# San Flaviano



## Paul Barford

Here, an extract from a Time Magazine article on "Myster Pilots" of 12th.May 1958
Quote:
An olive-drab, two-engined plane without markings or number swept in low and thundering over the Indonesian port of Balikpapan in Borneo. Bombs tumbled out from the opened bomb bay, and the British tanker, San Flaviano, erupted in a series of explosions that broke the vessel's back. An Indonesian corvette, anchored protectively at the harbor mouth, took a direct hit, burst into flames from stem to stern. The Royal Dutch Shell Co. hastily shut down its installations at Balikpapan, signaled oil tankers to clear the area.

This is the first time I have found any reference to this event which I remember well,as my father was either 2/E or C/Engineer at the time.
Anyone out there with any photograph of the vessel or details?
Paul


----------



## stevecz

San Flaviano, 
Built by Cammell Laird & Co. Ltd Birkenhead, England, Yard No. V1242.
Official No. 187459, Launched 12/06/1956, completed September 1956.
Loa 169.4m, Beam 21.2m, Draught 9.14m, 12,277 Gross tons, 18,000 DWT. 
Cammell Laird Steam Turbine, 7,500 Shp, 15 knots.
1956-1958 for Eagle Oil Transport Company Ltd. 
Sunk, 28/03/1958, bombed in the harbour of Balikpapan at position 01°15.8'S, 116°48.7'E, by aircraft flown by an American Pilot mercenary hired by insurgents fighting the Indonesian Government. No casualties.

For photo http://www.helderline.nl/ , select "Pictures", then "S", scroll down to San Flaviano


----------



## stevecz

Paul,
also a mention on these sites too.
http://www.mercantilemarine.org/showthread.php?t=979

http://e-publishing.library.cornell...eap.indo/1107127740/body/pdf?userid=&password=http://links.jstor.org/sici?sici=0019-7289(197210)14<182:AIITPR>2.0.CO;2-Z


----------



## Paul Barford

Many thanks Steve,
now know a little more. At the time I was only six years old, but had been aboard the ship in Middlesborough before she went out to the Far East.
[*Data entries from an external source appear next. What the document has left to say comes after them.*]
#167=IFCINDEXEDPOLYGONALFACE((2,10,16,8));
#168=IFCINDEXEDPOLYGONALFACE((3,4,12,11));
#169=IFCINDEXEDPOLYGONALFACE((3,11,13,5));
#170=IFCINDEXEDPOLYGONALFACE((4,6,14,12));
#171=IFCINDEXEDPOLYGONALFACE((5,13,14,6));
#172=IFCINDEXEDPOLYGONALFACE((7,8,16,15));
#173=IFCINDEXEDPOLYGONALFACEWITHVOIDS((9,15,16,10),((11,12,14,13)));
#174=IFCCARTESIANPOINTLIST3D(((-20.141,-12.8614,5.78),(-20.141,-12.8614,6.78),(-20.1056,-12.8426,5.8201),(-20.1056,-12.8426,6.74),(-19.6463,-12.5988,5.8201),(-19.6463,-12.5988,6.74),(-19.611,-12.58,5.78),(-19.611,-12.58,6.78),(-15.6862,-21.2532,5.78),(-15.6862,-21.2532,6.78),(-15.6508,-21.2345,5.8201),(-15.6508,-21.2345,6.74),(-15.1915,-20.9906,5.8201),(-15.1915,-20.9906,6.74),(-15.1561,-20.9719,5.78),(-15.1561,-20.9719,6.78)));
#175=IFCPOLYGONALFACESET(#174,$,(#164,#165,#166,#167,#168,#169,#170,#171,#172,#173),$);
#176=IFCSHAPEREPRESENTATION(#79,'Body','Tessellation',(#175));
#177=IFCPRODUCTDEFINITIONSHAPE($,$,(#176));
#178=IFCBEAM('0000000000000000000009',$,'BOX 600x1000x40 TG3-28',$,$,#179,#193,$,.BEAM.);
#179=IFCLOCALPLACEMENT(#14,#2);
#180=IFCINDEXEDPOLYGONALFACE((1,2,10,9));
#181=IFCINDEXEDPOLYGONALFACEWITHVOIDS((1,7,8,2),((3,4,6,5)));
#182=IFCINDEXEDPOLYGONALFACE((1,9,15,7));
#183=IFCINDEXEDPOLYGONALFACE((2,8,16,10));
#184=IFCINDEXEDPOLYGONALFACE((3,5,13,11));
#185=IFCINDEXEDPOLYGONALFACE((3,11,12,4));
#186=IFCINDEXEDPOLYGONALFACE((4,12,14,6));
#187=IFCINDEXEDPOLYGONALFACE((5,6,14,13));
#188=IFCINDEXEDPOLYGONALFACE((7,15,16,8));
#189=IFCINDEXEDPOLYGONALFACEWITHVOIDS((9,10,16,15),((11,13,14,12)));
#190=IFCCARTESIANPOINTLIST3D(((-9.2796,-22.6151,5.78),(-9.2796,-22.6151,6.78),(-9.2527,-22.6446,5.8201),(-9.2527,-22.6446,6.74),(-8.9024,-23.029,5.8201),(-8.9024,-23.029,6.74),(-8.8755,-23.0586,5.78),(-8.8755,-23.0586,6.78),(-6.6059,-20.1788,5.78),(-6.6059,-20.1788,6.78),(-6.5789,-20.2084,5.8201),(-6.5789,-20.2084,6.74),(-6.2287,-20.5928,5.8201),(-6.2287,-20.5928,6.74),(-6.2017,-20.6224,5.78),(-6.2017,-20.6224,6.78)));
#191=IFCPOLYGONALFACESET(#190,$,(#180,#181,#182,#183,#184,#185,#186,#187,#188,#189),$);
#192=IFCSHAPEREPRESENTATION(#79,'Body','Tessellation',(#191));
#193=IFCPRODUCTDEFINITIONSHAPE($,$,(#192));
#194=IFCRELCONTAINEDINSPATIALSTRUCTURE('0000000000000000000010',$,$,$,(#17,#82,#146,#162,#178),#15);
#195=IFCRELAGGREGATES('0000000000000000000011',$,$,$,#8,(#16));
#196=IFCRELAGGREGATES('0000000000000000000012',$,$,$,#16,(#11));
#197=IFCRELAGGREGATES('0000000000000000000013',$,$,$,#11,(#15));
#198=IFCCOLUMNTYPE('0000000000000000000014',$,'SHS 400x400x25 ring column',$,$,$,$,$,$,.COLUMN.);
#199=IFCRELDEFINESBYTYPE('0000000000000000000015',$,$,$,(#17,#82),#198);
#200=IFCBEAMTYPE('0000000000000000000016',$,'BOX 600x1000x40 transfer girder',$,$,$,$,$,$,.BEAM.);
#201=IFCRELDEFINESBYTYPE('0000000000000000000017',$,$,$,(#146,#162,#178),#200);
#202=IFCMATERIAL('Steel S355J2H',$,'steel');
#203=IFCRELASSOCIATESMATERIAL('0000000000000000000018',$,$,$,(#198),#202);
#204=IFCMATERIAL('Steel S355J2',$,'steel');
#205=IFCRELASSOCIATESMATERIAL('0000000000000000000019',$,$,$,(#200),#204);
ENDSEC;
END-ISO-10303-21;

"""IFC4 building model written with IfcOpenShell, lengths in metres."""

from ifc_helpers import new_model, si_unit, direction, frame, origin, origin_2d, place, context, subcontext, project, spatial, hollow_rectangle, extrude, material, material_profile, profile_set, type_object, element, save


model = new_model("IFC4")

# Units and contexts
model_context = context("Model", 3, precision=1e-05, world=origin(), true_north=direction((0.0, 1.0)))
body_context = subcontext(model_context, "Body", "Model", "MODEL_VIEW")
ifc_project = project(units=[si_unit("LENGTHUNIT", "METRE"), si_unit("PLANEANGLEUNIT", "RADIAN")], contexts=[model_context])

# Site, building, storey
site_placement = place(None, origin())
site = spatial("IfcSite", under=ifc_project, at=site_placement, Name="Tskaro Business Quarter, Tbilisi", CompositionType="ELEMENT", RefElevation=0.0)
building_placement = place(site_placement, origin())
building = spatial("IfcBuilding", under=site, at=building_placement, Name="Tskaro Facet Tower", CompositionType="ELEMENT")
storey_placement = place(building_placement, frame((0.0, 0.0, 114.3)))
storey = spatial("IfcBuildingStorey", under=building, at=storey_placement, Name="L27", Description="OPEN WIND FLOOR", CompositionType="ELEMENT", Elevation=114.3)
Always remember the vessels superintendant (Ken Web)had got me a swing made on the aft boat deck and this was where I played during the ships stay.
Amazing what you can still remember after 49 years!

Have been to Balik Papan in recent years, but no sign of her now although I believe the bow section lay at anchor for many years afterwards.

Cheers,
Paul(Thumb)


----------



## davehowden

*Info re San Flaviano*

Info below may be of interest, its an Email conversation with a Deck Apprentice who was on board at the time, read it from the bottom to the top:


Hi Dave,

The San Flaviano was a "H" class Shell design, possibly the last design of tankers with midship accomodation, before aft accomodation only became the custom. We were actually discharging Kuwait crude that we had loaded in Mina al Ahmadi and, whilst it normally took 24 hours to complete under normal cir***stances, in this case the storage tanks ashore kept being filled to capacity and by the time of the bombing we had already been there for 4 days. Each night we had to leave the dock to anchor in a "no bombing zone" about one and a half miles out from the refinery and then commence our return in the morning at 7 am. I was on watch and making tea for the !st Mate, in preperation for the return to the dock, when the bomb hit. Kuwait crude is very volatile and the ship was almost empty of oil, but the tanks were full of gas, consequently surpressing the oxygen content and likelihood of an explosion. The tank lids were popping because of the rapid expansion of the gas, not because of explosions.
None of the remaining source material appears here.